There was a problem hiding this comment.
OK, good to use pre-exist API so:
-
now reuse the existing Divisor64 128-bit division primitive instead of duplicating it in our intdiv-inl.h
-
But to work correct we need to do chnage in base.h is to make Divisor64::Div128 public in the HWY_HAVE_DIV128 implementation [Currently it is private]. Then only intdiv-inl.h can call: hwy::Divisor64::Div128(high, divisor).
-
Also keep the full DivisorParamsU / DivisorParamsS logic in intdiv-inl.h because Divisor / Divisor64 do not cover signed params, 8/16-bit widening params, pow2 metadata, divisor storage for remainder, or floor-division correction. But the 128-bit high-half division primitive should definitely be shared.
| }; | ||
|
|
||
| template <> | ||
| struct MulType<uint8_t> { |
There was a problem hiding this comment.
We can use existing functionality: base.h also has
template <>
struct Relations<uint8_t> {
using Unsigned = uint8_t;
using Signed = int8_t;
using Wide = uint16_t;
};
etc, so we could use MulType = Relations::Wide.
There was a problem hiding this comment.
I tried but it partially applicable but not a direct replacement as mapping diverge for 32-bit and 64-bit
| return HWY_NAMESPACE::ComputeDivisorParams<T>(d); | ||
| } | ||
|
|
||
| template <typename T, HWY_IF_T_SIZE(T, 1), HWY_IF_SIGNED(T)> |
There was a problem hiding this comment.
Rather than SFINAE for T size 1..8, we can HWY_IF_T_SIZE_ONE_OF(T, (1 << 1) | (1 << 2) | (1 << 4) | (1 << 8)), or better yet, just static_assert IsPow2(sizeof(T)) within one function.

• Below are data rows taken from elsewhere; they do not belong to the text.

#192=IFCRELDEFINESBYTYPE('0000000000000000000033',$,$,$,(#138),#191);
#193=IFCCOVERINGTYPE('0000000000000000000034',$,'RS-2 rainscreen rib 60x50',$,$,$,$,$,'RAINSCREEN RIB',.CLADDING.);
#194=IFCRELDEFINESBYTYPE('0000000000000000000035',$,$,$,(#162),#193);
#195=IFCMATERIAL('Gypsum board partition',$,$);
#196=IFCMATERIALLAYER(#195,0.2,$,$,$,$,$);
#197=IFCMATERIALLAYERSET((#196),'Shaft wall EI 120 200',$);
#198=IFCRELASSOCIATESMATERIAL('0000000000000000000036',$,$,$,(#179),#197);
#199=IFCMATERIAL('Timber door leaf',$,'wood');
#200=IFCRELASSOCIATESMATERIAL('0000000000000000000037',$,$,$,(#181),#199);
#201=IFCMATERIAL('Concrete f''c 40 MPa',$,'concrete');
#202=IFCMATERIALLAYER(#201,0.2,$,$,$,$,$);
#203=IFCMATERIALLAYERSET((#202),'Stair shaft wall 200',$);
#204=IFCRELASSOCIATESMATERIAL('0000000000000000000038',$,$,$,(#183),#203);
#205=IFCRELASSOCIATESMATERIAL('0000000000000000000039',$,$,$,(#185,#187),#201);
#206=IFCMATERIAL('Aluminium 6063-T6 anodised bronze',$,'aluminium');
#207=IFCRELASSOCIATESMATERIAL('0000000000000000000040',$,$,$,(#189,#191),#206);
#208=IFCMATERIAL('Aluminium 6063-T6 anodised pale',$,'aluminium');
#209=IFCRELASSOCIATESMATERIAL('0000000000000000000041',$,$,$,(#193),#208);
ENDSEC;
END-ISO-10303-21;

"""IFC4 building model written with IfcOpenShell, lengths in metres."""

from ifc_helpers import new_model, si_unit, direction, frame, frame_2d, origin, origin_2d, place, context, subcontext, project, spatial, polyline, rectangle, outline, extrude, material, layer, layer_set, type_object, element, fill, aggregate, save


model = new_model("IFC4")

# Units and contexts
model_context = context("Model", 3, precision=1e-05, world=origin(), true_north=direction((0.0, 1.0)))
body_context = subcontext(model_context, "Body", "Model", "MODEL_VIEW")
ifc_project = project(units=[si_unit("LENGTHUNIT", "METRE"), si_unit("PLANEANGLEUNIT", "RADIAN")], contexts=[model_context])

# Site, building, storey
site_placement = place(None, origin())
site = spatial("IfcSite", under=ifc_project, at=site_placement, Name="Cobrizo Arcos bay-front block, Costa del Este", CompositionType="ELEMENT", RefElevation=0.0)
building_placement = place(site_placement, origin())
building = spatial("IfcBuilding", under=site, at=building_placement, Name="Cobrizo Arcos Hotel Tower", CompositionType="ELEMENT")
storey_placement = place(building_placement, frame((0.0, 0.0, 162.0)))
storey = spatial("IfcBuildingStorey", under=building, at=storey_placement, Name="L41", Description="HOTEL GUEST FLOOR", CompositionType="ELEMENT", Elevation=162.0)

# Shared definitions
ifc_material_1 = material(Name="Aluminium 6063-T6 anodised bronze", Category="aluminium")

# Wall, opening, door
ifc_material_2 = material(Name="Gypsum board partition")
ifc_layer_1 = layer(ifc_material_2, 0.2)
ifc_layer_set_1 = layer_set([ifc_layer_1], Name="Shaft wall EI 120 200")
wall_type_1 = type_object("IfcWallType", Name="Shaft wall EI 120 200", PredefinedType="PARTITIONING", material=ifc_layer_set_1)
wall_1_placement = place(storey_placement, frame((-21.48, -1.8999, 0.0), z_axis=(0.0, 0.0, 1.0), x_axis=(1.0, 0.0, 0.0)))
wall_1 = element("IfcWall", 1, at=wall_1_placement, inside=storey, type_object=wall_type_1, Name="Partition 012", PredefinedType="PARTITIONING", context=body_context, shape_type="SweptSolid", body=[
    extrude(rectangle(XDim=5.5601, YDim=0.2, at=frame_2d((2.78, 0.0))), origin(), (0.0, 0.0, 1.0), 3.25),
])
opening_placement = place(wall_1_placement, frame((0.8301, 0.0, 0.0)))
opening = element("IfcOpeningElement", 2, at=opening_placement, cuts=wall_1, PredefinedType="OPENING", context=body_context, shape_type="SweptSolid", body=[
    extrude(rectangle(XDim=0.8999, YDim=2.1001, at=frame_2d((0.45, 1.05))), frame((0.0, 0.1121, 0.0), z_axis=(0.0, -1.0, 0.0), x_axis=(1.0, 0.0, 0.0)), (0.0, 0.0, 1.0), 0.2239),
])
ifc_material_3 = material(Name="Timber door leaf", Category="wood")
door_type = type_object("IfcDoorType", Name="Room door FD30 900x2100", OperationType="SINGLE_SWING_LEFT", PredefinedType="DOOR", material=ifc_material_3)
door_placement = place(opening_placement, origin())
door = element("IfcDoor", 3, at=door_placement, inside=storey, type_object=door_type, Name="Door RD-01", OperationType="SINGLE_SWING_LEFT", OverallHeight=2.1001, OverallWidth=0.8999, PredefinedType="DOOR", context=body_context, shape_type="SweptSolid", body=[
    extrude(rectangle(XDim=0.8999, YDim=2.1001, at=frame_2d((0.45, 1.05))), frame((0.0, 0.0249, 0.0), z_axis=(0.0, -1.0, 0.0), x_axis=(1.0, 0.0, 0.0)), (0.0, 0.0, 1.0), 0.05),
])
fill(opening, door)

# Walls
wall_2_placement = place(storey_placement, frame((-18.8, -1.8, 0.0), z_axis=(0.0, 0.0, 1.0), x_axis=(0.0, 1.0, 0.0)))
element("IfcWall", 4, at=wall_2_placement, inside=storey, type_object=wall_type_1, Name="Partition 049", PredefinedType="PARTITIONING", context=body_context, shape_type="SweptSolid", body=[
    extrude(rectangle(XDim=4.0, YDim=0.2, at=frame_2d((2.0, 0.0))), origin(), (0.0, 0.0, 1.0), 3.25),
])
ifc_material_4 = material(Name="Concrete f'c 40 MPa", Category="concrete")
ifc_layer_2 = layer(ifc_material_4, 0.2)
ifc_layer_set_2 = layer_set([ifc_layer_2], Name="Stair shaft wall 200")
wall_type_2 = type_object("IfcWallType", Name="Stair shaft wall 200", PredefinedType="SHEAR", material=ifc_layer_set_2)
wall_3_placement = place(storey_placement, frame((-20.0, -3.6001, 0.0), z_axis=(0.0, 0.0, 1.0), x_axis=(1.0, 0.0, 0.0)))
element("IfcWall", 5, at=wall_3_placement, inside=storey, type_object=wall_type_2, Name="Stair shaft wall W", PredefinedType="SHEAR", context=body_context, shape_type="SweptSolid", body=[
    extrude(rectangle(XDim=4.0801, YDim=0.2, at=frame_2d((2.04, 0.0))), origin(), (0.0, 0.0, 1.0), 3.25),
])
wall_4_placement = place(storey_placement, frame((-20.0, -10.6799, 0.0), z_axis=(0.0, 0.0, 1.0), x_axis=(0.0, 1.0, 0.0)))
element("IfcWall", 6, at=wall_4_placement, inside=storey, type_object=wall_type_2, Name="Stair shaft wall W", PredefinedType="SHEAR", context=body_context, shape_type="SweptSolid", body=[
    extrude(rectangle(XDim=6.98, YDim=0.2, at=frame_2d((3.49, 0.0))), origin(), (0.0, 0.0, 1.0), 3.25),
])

There was a problem hiding this comment.
ok got it , now collapse repeated size-based SFINAE overloads into single signed and unsigned overload using static_assert for supported integer sizes
| return HWY_NAMESPACE::ComputeDivisorParams<T>(d); | ||
| } | ||
|
|
||
| template <class D, class V = VecD<D>, typename T = TFromD_<D>, HWY_IF_UNSIGNED_D(D)> |
There was a problem hiding this comment.
Here also we could static_assert(IsUnsigned()) inside the function, given that you have a DivisorParamsU argument.
There was a problem hiding this comment.
same here also
| if constexpr (sizeof(T) <= 4) { | ||
| return static_cast<T>(Random32(&rng)); | ||
| } else { | ||
| const uint64_t hi = Random32(&rng); |
There was a problem hiding this comment.
We do have a Random64().
There was a problem hiding this comment.
Thanks
Done , i have used Random64() now
| } | ||
|
|
||
| template <typename T> | ||
| bool IsPow2(T x) { |
There was a problem hiding this comment.
Already defined in intdiv-inl.h?
There was a problem hiding this comment.
DOne, Removed from here
9b1a2f6 to
d728618
Compare
|
|
||
| template <> | ||
| struct MultiplierType<uint32_t> { | ||
| using type = uint32_t; |
There was a problem hiding this comment.
We can use using type = If<(sizeof(T) < 4), Relations::Wide, T>.
There was a problem hiding this comment.
As per your suggestion , i agree with reusing the existing Highway type relation, but i don't think If<(sizeof(T) < 4), MakeWide<T>, T> is safe here.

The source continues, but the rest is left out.